There are few wild flowers left in the fields these days apart from the very few delightful wild flower meadows and, if our lawns are mown tight, it leaves very little habitat for our insects to find nectar.

If we have a lawn we can help encourage insects by not cutting it in May.

The photo of the red clover was taken on one of the verges in Sidmouth, which will not be cut for six weeks after the daffodils have flowered.

The six weeks allows time for flowering and setting seed of many species of wild flowers.

The nectar-rich flowers of red clover are a favourite of many species of bee, including the common carder bee, honeybee and red-tailed bumblebee.

You can see dandelion seed heads developing amongst the clover, dandelions can supply food to a number of different pollinators including bumblebees, butterflies, hover flies, day flying moths and solitary bees.

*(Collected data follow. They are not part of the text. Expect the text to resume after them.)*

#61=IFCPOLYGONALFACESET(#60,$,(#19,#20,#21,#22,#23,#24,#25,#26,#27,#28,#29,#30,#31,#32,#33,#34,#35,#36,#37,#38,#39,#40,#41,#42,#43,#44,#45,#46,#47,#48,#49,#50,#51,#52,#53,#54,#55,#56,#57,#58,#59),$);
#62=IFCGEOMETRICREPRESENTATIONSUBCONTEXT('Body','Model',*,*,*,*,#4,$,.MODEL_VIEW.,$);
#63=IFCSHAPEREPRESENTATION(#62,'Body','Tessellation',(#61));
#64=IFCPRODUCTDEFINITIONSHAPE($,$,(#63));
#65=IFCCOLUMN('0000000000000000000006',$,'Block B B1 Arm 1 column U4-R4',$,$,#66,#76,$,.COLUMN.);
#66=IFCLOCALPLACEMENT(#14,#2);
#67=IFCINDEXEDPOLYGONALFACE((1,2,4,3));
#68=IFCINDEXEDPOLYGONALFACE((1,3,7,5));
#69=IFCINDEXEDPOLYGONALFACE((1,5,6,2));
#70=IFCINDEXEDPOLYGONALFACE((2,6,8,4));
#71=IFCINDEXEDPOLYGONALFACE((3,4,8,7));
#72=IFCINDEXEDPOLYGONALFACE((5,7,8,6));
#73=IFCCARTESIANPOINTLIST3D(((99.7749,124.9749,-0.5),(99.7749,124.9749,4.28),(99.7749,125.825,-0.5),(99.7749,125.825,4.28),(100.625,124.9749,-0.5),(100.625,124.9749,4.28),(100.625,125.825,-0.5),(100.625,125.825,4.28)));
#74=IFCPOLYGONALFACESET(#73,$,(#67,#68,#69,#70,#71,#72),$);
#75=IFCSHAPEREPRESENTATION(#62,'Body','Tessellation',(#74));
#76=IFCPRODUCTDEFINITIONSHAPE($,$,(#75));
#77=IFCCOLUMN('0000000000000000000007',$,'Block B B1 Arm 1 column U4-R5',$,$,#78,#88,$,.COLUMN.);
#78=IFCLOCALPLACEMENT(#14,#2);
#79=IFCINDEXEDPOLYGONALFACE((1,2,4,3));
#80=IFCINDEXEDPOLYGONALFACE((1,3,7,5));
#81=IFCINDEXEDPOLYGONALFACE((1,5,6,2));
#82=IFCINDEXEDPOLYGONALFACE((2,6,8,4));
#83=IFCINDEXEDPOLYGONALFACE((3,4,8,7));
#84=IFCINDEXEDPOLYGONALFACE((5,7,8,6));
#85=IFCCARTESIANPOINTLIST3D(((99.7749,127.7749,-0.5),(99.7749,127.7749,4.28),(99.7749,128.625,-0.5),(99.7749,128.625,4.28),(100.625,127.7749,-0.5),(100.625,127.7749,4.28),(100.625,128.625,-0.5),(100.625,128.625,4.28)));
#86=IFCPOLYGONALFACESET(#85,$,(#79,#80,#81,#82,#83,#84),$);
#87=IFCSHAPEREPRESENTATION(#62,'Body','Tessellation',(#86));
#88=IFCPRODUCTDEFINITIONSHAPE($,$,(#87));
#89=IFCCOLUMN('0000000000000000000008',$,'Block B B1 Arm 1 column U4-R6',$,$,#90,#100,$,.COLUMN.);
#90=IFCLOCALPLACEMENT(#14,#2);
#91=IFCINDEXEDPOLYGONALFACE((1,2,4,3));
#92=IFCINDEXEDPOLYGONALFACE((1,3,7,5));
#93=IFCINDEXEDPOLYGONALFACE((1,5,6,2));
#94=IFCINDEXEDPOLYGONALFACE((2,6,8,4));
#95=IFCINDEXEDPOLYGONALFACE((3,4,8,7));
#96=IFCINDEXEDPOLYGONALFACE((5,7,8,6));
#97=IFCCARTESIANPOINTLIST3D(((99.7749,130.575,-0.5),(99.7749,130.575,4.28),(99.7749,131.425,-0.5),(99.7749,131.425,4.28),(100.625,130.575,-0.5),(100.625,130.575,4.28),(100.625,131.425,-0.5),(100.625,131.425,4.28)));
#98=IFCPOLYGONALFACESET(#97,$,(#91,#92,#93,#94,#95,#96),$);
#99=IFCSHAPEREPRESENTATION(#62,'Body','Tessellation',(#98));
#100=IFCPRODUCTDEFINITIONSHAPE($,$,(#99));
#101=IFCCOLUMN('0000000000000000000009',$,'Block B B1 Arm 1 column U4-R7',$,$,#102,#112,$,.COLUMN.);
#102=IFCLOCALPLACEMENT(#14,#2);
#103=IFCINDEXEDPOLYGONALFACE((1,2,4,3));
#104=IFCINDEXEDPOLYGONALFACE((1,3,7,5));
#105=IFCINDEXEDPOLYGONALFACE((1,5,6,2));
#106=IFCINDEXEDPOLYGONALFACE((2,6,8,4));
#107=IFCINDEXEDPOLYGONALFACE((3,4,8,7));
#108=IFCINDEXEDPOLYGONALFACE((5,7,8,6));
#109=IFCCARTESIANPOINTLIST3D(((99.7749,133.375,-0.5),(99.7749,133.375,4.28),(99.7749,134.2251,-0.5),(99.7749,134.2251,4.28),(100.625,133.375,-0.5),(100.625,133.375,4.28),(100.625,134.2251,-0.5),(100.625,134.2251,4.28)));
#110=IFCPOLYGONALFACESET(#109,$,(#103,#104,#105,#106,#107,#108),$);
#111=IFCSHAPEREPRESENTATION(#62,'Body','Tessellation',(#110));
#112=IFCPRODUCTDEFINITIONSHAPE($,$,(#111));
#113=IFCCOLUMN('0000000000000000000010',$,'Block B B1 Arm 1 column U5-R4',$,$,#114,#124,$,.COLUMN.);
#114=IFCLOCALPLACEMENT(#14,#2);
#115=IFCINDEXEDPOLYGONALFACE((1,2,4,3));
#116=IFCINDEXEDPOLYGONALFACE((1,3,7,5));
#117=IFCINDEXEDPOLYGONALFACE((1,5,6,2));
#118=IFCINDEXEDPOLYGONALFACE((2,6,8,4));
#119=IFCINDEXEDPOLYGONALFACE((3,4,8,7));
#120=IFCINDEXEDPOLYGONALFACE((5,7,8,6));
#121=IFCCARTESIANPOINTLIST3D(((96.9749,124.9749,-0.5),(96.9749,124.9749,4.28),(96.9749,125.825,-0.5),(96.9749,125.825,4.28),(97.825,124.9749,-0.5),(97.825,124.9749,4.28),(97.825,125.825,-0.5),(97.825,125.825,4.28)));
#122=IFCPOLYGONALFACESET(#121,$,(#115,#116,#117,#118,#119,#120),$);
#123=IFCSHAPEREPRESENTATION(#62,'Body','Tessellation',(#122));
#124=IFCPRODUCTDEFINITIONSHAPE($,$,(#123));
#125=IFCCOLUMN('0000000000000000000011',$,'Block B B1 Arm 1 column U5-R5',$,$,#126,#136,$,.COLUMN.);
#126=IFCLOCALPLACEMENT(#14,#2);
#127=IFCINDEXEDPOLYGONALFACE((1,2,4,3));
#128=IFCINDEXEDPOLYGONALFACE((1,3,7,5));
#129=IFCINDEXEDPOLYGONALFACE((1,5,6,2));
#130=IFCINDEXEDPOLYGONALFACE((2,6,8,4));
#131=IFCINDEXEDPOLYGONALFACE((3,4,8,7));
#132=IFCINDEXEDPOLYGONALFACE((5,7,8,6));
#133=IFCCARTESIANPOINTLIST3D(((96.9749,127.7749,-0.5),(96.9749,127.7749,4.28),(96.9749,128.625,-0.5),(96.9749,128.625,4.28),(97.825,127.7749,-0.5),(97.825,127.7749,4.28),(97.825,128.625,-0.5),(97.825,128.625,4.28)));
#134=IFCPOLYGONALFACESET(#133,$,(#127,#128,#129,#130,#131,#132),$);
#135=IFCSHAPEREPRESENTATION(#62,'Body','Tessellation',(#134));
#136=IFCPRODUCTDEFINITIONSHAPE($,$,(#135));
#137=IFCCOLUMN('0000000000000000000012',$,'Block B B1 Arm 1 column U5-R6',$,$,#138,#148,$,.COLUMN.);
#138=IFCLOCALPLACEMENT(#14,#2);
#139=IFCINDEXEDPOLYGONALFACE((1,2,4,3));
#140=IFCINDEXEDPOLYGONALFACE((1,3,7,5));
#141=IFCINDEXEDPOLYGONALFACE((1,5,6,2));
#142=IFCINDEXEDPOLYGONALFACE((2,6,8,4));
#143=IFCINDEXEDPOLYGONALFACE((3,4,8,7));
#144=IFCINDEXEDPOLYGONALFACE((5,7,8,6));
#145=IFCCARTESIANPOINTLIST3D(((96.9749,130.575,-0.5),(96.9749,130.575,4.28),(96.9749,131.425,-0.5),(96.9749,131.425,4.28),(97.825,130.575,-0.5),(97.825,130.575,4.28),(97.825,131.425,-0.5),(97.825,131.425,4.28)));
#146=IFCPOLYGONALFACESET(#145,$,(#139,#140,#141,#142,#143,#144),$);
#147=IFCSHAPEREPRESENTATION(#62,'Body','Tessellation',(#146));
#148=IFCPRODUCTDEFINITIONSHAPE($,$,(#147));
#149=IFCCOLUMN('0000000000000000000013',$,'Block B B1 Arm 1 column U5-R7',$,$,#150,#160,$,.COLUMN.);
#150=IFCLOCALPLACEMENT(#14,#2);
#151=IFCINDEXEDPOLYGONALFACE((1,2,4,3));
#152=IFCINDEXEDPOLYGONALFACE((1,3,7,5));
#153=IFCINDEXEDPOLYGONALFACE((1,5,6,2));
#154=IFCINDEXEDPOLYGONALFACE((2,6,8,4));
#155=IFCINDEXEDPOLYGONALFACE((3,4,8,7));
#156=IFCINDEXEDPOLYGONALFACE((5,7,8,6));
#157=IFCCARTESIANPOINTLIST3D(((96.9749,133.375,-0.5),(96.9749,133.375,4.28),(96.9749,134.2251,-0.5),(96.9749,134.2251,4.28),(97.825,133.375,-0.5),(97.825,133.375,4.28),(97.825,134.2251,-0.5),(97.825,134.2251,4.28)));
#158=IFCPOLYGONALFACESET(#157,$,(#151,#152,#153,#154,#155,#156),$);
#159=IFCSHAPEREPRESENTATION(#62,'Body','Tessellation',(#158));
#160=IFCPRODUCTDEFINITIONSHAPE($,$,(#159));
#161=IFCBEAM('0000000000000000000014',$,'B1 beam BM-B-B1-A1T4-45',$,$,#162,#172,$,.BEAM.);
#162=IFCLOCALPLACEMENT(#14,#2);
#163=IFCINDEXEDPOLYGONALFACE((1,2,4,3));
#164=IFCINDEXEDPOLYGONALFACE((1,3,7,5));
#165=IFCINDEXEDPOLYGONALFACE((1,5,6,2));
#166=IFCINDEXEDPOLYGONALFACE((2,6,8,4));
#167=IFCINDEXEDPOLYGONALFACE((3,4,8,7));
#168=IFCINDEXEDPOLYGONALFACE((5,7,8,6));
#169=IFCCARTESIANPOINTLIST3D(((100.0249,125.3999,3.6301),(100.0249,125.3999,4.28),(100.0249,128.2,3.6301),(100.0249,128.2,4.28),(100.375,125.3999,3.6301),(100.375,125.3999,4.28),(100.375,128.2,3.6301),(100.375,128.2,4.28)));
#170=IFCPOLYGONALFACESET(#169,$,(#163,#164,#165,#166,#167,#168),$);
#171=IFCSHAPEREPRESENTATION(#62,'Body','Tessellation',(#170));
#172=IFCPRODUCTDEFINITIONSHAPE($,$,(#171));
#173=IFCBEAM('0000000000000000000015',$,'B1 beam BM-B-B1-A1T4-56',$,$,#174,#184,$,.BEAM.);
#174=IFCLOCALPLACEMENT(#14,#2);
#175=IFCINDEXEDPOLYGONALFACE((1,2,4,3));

In fact the whole verge was awash with vast numbers of flowers and grasses, which was a delight and provided another important filling station for wildlife.

Have a look out for the best verges for wild life near you. Can you leave you lawn uncut for the month of May to see how you can help? In conjunction with No Mow May, Plant Life have a citizen Science project called ‘Every Flower Counts’ that gives you feedback on how you have helped, the link is: https://nomowmay.plantlife.org.uk/resources/resources-every-flower-counts.

I would also recommend ‘The Garden Jungle’ by Dave Goulson if you want an interesting and authoritative read about how gardens can help insects.